So to answer this, we want to look at these for loops
and decide how many times each warp is going to have to execute the for loop.
And that means how many times at least 1 thread in the warp is going to have to execute it.
So looking at this expression here, for a single warp these values will vary from 0 to 31.
So there will be at least 1 thread in that warp for whom this modulo expression evaluates to 31.

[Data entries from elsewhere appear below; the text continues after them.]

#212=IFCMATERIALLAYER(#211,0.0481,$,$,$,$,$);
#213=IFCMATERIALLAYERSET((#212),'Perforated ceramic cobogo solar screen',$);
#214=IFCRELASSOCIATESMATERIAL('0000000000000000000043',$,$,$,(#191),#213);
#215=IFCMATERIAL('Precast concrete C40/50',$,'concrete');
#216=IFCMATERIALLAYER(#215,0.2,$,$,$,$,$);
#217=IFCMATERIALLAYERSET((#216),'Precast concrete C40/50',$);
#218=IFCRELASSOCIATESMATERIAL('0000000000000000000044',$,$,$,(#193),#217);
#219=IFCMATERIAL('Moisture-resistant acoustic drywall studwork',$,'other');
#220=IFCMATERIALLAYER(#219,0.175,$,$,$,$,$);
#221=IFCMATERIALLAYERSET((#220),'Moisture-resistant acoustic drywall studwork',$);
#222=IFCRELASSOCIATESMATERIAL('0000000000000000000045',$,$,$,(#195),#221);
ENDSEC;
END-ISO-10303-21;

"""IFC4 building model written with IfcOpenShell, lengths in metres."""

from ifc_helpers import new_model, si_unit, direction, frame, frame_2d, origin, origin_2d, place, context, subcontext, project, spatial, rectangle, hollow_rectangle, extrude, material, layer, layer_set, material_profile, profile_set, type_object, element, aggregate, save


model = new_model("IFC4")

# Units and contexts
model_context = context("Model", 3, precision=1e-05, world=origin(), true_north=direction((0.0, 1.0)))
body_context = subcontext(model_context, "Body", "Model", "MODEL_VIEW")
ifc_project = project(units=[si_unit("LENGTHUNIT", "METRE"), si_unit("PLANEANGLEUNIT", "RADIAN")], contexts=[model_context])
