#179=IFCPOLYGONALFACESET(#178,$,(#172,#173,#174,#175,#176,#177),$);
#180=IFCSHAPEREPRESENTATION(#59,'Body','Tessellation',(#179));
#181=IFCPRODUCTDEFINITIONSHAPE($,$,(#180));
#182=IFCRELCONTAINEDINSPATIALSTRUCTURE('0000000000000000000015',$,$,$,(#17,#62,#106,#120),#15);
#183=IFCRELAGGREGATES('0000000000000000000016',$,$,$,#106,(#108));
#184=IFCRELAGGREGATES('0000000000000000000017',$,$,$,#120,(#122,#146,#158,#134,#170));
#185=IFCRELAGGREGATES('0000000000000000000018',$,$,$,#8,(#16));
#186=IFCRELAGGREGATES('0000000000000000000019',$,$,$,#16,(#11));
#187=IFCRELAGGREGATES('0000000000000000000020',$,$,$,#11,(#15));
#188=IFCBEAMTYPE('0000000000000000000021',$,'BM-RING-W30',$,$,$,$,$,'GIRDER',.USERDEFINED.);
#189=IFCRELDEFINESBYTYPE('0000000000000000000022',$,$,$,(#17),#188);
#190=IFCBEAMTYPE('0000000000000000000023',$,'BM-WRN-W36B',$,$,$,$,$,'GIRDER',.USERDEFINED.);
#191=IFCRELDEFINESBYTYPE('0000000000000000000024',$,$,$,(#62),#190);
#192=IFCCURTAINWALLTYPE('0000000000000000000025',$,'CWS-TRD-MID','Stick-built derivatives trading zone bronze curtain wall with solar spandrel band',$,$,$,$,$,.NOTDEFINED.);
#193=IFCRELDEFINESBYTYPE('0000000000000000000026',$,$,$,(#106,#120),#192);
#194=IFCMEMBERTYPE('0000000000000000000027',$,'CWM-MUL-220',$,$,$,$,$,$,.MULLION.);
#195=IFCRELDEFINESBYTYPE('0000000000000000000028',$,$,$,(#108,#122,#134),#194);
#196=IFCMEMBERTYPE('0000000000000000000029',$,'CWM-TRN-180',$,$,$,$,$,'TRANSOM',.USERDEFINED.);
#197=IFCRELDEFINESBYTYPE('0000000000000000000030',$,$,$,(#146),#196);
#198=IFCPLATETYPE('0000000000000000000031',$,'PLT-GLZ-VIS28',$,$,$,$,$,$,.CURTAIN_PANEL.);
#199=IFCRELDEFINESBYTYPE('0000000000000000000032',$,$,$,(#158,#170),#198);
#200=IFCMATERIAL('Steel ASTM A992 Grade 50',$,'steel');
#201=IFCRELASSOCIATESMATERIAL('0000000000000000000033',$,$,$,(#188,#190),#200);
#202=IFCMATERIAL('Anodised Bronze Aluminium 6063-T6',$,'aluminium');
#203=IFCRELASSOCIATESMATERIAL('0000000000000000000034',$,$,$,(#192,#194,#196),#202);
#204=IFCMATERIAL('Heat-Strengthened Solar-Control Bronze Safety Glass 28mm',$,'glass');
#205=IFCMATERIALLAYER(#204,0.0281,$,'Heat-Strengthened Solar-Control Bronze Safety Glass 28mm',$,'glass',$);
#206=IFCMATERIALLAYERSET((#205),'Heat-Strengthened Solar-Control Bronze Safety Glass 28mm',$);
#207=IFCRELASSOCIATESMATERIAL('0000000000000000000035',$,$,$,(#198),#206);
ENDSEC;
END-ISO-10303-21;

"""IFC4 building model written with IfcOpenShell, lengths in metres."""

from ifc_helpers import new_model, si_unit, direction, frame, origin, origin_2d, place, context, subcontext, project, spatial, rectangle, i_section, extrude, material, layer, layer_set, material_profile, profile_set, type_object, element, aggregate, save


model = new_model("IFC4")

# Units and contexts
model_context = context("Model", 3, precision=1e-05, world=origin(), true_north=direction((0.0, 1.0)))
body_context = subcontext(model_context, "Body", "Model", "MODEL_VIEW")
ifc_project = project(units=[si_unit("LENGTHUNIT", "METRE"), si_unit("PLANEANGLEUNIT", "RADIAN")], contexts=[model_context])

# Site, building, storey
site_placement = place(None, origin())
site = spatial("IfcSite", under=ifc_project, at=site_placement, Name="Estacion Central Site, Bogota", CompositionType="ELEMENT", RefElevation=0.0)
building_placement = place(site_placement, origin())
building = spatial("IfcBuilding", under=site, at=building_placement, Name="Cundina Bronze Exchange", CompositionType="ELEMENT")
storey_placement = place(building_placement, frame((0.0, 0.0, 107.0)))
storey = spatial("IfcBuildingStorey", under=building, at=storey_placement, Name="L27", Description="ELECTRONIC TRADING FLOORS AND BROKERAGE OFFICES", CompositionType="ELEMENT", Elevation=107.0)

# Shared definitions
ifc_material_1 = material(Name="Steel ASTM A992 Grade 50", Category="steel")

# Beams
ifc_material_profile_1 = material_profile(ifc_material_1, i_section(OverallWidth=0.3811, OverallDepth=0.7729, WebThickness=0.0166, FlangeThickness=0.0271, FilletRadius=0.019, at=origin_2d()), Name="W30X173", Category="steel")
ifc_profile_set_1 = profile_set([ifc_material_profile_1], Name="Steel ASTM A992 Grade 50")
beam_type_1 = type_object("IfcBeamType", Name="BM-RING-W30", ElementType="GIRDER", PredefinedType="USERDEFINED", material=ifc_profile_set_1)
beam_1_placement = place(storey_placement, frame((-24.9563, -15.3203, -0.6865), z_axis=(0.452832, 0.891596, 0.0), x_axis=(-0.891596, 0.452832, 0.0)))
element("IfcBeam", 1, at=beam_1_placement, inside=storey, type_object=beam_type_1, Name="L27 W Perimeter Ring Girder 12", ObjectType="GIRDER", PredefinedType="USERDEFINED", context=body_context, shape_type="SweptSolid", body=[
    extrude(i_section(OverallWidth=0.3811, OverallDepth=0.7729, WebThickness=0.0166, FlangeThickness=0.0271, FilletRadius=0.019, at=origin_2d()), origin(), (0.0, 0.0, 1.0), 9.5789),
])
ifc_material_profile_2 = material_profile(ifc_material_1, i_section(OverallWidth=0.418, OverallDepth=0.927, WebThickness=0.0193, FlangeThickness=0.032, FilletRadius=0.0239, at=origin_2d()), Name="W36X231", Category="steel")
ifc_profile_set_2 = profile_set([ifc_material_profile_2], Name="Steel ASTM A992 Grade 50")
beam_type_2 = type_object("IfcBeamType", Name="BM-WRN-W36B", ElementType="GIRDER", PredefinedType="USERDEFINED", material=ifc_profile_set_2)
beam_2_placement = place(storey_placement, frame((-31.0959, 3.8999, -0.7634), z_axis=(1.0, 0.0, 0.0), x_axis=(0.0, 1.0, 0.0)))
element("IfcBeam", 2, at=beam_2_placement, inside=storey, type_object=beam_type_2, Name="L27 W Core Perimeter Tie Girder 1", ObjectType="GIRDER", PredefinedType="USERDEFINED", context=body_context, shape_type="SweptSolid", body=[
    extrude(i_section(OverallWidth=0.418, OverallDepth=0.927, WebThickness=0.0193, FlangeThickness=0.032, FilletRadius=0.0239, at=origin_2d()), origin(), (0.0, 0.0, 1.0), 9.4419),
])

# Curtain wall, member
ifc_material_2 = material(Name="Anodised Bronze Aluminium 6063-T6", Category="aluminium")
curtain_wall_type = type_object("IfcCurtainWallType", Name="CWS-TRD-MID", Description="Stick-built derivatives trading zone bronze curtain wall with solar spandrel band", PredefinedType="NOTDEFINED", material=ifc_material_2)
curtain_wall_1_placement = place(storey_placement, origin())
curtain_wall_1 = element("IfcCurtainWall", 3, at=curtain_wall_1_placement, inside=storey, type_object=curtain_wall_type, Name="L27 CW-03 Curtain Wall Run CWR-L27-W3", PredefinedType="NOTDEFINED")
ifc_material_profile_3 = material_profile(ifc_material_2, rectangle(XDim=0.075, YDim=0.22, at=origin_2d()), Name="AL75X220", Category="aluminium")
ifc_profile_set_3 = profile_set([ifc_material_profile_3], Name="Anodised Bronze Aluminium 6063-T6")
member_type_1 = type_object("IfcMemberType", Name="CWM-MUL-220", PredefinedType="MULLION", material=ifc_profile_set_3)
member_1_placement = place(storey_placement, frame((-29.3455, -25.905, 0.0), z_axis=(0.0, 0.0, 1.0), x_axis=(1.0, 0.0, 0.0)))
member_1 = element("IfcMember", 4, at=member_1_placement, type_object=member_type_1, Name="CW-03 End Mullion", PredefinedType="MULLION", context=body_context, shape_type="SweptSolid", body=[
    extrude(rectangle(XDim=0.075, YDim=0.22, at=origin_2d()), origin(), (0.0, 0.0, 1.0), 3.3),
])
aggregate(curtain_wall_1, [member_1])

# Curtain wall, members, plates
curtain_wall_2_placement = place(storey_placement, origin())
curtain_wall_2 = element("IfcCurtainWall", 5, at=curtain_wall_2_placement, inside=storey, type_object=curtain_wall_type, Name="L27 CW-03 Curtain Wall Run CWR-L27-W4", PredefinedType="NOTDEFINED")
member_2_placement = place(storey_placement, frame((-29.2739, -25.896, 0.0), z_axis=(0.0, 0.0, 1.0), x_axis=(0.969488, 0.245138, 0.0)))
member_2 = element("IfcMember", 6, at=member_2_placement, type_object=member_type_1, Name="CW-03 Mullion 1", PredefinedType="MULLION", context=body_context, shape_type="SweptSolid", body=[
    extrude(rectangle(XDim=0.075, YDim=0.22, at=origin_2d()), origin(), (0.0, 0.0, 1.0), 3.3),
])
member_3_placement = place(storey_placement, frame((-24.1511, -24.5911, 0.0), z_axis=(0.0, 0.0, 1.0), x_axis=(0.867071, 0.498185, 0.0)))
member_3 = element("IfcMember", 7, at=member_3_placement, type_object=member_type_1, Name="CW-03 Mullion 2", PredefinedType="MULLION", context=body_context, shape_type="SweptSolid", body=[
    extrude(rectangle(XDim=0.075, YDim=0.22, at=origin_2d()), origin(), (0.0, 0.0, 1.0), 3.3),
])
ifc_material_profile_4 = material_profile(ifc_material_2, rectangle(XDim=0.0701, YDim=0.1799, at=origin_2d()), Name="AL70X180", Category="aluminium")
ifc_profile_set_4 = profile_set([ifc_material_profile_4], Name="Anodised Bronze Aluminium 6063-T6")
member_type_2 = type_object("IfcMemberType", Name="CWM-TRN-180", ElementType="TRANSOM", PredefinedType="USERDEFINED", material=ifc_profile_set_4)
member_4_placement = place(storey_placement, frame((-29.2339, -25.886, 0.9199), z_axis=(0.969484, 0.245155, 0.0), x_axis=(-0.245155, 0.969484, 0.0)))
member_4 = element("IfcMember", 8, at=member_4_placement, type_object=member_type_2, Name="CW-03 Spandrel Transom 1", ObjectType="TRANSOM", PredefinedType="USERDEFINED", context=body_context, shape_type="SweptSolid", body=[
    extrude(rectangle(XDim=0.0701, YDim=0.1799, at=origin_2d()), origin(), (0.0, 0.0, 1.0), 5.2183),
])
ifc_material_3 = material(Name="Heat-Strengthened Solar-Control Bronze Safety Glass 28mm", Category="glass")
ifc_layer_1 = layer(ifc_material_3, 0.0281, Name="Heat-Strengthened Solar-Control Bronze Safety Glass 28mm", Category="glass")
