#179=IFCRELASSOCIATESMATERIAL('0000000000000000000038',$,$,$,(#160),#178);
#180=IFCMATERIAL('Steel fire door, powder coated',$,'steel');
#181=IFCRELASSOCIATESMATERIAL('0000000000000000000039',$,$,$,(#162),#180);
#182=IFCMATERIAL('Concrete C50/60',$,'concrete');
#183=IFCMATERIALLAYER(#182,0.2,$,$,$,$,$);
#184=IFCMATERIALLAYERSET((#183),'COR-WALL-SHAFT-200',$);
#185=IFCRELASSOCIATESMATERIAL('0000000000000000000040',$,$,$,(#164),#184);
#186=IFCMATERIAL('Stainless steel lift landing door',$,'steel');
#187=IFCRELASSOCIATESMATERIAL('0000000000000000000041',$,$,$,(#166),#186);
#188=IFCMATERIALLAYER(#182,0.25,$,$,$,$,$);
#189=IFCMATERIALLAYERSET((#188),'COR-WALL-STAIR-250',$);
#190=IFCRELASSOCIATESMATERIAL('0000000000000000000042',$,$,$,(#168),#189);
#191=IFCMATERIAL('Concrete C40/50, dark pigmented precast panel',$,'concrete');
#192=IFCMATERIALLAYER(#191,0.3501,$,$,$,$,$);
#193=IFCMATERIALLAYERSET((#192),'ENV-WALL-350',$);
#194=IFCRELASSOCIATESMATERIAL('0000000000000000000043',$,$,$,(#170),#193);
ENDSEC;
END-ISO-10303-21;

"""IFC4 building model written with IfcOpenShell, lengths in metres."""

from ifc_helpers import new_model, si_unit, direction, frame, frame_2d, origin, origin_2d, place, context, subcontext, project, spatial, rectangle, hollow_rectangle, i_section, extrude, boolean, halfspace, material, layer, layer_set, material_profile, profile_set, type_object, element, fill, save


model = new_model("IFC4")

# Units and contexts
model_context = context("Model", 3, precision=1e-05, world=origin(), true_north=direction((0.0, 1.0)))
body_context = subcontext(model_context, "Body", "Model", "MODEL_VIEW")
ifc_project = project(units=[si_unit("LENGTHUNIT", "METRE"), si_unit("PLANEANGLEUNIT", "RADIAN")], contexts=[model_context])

And that means that the entire warp is going to go through the motions
of executing this bar function 31 times.
Now, some of those times some of the threads will be deactivated.
So the very first time, thread 0 will not execute the bar function.
It will be deactivated because i will not be less than 0.
And the next time thread 0 and 1 will be deactivated and so forth.
Ultimately, the total amount of time that the warp has to spend in this loop
depends on the total number of time that any 1 thread has to spend on it.
Each warp will executive this loop 31 times.
This next loop, though, is different.
In this case the integer divide means that threads 0 through 31 are going to evaluate to 0.
This expression will evaluate to 0, and therefore they're not going to execute the bar function at all.
And in threads 32 through 63 we'll evaluate this expression to 1,
and they'll execute the loop 1s and so forth.
So there will be 1 warp which evaluates at 0 times, 1 warp which evaluates at 1 time,
1 that evaluates at 2 times and so forth, all the way up to a single warp,
which evaluates at 31 times.
So the average number of times that all of the warps will execute this loop is 15.5.
So now we know what we need to know to answer the question.
Clearly, the second loop will execute faster, and it will be twice as fast
because, on average, the number of times that the expensive bar function gets evaluated
is half the number of times that that bar function gets evaluated during the first loop.
要回答这个问题,我们得了解一下这些循环
之后再来判断每个变形将要在循环之中执行多少次。
意思是至少一条在变形中的线程将要执行多少次。
来看一下此处的表达式,单一变形,取值范围将从0到31。
所以在此变形中至少会有1个线程执行此取模表达式中,值为31.
这意味着整个变形将遍历
执行此bar函数31次。
现在,某些次数中的某些线程将会失效。
所以在最开始,线程0不会执行bar函数。
函数将失效因为i值不会小于0.
下一次线程0和1将会失效,以此类推。
最终,此变形在此循环中的总时间
取决于任意某线程需要消耗的总时间。
每个变形将会在此循环中执行31次。
下面这个循环,却不同。
在此条件下的整数除意味着线程0到31的值都会为0。
下一个表达式的值将为0,因此它们完全不会执行此bar函数。
而线程32到63我们会执行此表达式取值为1,
它们将会执行此循环1s,以此类推。
所以此处有一个变形将会执行0次,下一个执行1次,
再下一个执行2次以此类推,所有执行次数加起来的和等于此单个变形。
总共为31次。
所以所有这些变形在本次循环中执行的平均次数为15.5次。
那么现在我们需要知道这道题的答案了。
显然,第二个循环执行的更快,两倍于第一个循环,
因为,通常来说,时间要求更高的bar函数求值次数
为在首个循环中bar函数所需次数的一半。